Hence this does not give us enough data to make a definite conclusion that
there is a positive relationship between literacyrate and the lifeexpectancy of the people of Ghana even though the 2 literacyrate values and the over 200 lifeexpectancy values generating the scatterplot above depicts so.
Showing The Line Of Best to show Scatterplot for the relationship between Literacy Rate and Life Expectancy of Ghana
please view the graph at this link
https://drive.google.com/file/d/0B2KfPRxy4ootRU1Ma2x4S28wTjA/view?usp=sharing
The Line Of Best fit in the Scatterplot suggests there is a positive relationship between the literacyrate and the lifeexpectancy of the people of
Ghana. However, as mentioned above, due to limited Gapminder data on the literacyrate , eventhough the scatterplots suggests such relationship, I cannot definitely conclude there is positive relationship between the literacyrate and the lifeexpectancy of the people of Ghana.
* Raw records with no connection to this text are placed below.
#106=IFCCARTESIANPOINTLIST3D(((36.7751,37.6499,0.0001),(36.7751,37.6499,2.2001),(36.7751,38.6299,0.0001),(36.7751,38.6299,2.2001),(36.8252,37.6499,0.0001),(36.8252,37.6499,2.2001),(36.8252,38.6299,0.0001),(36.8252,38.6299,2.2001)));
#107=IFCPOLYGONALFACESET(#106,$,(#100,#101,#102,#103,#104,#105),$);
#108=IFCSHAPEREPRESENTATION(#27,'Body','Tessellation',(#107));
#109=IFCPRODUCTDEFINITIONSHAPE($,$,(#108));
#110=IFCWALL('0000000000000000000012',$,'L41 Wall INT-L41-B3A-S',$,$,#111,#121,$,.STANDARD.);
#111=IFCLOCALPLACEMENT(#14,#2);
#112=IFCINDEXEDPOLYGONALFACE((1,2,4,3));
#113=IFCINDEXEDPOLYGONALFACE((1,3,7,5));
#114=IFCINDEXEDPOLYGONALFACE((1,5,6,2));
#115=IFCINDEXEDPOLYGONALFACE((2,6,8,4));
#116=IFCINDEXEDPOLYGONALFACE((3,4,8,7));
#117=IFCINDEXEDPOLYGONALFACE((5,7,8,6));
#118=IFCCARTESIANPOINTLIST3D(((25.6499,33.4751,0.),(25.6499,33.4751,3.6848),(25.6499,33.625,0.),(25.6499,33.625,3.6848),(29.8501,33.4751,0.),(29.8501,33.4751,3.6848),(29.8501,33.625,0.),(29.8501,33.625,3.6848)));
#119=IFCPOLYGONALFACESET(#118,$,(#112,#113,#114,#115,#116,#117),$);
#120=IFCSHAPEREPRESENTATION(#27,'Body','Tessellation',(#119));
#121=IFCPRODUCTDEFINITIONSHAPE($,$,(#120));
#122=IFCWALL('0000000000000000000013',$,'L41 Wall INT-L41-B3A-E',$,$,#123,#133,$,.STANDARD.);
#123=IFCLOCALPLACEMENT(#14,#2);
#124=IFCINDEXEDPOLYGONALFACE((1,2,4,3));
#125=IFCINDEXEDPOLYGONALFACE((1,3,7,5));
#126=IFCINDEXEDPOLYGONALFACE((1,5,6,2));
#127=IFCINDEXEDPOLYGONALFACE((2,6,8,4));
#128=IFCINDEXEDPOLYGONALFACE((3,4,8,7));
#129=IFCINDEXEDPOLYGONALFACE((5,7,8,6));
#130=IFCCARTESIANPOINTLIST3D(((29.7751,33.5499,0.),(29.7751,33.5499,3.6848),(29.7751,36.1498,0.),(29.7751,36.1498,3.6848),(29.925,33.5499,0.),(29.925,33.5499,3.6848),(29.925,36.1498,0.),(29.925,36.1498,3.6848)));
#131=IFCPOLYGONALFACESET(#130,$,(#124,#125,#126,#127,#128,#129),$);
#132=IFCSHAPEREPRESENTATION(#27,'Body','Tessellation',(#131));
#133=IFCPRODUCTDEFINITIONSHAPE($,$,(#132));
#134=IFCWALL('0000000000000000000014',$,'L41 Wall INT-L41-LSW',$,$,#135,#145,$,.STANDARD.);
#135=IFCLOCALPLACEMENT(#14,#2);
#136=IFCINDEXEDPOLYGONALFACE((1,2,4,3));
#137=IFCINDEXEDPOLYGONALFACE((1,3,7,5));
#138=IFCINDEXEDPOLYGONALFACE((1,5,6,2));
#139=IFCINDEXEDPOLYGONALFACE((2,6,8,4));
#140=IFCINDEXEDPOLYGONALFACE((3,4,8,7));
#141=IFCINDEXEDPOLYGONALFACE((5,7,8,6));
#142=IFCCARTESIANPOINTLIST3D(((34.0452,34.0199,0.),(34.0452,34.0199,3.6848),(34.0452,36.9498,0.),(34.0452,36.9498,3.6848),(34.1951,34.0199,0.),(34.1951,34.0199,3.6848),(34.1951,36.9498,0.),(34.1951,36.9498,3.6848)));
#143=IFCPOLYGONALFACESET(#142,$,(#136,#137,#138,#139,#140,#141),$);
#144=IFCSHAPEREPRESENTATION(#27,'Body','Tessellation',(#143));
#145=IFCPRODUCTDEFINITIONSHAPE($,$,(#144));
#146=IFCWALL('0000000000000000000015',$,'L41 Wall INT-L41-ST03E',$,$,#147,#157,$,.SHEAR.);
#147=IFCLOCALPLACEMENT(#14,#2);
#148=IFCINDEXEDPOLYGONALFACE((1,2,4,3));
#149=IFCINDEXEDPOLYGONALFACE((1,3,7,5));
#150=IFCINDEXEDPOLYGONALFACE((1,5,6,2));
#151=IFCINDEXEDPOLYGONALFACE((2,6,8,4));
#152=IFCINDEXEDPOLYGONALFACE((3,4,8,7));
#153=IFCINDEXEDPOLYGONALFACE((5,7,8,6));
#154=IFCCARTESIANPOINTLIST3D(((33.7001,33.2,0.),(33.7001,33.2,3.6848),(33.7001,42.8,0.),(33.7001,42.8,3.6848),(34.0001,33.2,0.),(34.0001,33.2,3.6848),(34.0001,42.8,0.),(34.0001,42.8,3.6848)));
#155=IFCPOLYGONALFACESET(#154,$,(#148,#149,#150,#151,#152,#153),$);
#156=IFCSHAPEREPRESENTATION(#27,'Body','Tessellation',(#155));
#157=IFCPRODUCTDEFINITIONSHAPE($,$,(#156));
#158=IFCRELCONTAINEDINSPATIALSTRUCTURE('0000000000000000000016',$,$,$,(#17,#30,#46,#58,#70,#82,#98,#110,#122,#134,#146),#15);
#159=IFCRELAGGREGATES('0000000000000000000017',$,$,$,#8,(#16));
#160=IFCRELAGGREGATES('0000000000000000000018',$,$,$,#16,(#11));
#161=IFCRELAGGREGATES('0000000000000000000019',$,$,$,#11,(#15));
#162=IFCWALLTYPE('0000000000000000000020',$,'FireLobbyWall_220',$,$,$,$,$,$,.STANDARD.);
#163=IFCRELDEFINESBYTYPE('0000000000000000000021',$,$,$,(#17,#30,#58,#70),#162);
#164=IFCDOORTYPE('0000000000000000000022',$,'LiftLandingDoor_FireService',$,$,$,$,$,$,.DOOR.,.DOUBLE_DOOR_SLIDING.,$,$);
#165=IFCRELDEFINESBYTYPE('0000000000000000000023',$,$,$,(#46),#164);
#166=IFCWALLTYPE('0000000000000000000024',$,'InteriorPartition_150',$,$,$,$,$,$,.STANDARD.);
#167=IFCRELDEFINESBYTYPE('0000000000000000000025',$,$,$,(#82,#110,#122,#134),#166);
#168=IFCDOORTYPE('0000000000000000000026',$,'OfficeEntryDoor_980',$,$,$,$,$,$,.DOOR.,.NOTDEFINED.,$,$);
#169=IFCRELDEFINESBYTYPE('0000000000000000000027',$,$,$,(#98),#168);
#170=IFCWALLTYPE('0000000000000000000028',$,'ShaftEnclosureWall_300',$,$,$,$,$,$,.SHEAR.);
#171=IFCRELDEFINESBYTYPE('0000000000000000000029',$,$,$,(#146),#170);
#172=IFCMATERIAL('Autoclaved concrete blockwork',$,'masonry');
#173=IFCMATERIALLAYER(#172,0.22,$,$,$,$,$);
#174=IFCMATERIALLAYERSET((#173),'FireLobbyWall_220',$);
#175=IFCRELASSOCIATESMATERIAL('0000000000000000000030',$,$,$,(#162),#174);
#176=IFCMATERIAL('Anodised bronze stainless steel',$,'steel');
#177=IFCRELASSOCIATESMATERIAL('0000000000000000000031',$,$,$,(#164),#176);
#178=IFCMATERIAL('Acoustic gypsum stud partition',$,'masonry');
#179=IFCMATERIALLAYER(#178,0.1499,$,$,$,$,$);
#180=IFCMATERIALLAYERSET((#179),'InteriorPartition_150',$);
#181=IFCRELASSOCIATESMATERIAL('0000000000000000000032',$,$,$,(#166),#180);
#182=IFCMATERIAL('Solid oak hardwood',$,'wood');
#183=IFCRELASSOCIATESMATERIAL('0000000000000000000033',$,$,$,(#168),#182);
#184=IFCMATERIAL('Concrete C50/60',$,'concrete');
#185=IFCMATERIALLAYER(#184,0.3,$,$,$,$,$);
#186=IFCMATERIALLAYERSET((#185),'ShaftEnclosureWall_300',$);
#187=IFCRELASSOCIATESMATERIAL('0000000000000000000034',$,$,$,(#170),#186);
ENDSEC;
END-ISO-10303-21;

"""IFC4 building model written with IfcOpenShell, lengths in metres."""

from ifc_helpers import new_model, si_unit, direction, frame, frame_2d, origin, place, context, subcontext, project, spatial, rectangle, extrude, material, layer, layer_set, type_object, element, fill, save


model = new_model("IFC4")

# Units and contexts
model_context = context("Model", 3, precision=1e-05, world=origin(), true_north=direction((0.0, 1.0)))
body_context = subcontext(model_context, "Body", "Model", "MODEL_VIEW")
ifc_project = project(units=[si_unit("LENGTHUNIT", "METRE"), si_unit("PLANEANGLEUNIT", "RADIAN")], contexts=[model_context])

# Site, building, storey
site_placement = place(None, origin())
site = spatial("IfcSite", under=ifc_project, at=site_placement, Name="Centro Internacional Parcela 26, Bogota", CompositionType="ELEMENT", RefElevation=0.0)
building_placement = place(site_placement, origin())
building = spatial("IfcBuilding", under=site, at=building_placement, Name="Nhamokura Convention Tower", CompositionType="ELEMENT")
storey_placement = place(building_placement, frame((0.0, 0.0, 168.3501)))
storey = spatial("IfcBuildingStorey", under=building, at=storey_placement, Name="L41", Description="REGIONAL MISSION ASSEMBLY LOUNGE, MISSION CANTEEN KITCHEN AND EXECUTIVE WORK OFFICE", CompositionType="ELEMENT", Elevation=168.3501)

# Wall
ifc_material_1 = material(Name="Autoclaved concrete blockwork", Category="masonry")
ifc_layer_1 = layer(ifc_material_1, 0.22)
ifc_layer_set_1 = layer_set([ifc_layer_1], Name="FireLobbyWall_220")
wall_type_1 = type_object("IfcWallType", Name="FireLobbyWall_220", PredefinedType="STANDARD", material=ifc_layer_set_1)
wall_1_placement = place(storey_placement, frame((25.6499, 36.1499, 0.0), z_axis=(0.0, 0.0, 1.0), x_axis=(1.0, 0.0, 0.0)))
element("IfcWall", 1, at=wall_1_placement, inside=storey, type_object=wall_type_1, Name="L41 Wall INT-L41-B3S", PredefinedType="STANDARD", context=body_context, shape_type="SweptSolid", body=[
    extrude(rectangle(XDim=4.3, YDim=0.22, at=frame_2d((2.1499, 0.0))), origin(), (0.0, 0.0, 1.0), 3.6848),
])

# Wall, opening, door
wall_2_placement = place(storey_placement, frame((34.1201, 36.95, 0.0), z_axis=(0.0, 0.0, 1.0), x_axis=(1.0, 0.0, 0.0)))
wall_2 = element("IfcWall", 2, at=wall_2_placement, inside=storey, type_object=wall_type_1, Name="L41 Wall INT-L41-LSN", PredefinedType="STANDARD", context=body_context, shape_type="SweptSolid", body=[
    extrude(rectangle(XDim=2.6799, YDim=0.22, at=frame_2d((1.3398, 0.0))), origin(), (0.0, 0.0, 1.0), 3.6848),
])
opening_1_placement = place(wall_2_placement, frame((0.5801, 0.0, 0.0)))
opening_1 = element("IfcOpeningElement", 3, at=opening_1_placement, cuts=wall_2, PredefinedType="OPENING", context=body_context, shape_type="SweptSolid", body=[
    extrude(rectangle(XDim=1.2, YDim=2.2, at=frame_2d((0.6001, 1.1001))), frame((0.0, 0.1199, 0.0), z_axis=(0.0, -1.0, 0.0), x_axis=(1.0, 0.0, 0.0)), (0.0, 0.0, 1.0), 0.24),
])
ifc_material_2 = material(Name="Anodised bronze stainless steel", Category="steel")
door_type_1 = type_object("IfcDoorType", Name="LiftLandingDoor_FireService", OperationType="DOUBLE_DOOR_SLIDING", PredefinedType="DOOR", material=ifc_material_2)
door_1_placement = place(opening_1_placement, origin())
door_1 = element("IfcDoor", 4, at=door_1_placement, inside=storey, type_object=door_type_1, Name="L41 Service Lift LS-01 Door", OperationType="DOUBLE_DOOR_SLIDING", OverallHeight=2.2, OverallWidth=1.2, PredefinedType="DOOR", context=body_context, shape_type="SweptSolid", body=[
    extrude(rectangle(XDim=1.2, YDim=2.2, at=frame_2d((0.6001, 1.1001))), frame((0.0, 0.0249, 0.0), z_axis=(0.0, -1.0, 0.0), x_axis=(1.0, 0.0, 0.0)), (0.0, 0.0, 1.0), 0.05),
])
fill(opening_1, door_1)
Scatterplot for the relationship between Literacy Rate and Income Per Person of Ghana
please view the graph at this link
https://drive.google.com/file/d/0B2KfPRxy4ootMWtRYVBNdVQ5c0k/view?usp=sharing
Similar analysis applies to the analysis for the relationship between the literacyrate and the lifeexpectancy of the people of Ghana
From the scatterplot it can be seen that the higher the literacyrate,
the higher the incomeperperson of the people of Ghana; and the lower the literacyrate, the lower the incomeperperson of the people of Ghana. We can say there is a positive relationship between the literacyrate and the incomeperperson of the people of Ghana. However, it must be mentioned that, the GapMinder data for the literacyrate is limited as it is recorded for only 2 different years.
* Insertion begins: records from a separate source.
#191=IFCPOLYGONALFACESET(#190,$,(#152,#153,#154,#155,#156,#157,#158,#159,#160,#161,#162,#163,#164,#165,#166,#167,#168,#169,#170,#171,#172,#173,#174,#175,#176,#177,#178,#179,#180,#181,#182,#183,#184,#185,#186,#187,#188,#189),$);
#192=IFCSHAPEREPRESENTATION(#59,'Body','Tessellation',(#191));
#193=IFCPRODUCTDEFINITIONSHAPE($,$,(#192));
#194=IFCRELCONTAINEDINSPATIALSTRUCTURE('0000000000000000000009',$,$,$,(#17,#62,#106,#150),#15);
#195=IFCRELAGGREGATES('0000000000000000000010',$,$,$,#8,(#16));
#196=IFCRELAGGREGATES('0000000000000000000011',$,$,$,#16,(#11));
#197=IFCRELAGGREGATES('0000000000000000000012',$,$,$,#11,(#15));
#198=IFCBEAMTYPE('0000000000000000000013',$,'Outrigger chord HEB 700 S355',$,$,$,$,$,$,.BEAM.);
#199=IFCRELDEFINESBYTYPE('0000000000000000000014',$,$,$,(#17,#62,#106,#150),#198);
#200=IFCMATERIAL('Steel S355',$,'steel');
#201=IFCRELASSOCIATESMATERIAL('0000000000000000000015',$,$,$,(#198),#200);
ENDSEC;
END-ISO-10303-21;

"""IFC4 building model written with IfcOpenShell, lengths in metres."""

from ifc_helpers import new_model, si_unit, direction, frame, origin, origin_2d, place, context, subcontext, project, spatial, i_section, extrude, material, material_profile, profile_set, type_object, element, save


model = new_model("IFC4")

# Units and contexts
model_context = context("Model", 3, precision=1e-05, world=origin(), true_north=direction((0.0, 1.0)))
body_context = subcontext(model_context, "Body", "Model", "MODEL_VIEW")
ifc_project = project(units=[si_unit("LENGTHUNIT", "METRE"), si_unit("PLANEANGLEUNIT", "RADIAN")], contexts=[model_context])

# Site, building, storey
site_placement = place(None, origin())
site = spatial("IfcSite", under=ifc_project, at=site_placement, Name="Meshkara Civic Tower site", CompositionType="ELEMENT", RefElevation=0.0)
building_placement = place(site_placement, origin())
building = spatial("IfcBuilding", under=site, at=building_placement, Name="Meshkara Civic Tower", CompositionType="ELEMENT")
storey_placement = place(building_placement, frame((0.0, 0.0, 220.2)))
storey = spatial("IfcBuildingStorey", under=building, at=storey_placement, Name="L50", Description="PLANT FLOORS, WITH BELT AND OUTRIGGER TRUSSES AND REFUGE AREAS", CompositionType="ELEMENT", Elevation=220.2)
Hence this does not give us enough data to make a definite conclusion that
there is a positive relationship between literacyrate and the incomeperperson of the people of Ghana even though the 2 literacyrate values and the over 200 incomeperperson values generating the scatterplot above depicts so.
Showing The Line Of Best Fit by to show Scatterplot for the relationship between Literacy Rate and Income Per Person of Ghana
please view the graph at this link
https://drive.google.com/file/d/0B2KfPRxy4ootM25rZE4zV05yS3M/view?usp=sharing
The Line Of Best fit in the Scatterplot suggests there is a positive relationship between the literacyrate and the incomeperperson of the people of Ghana. However, as mentioned above, due to limited Gapminder data on the literacyrate , eventhough the scatterplots suggests such relationship, I cannot definitely conclude there is positive relationship between the literacyrate and
the incomeperperson of the people of Ghana.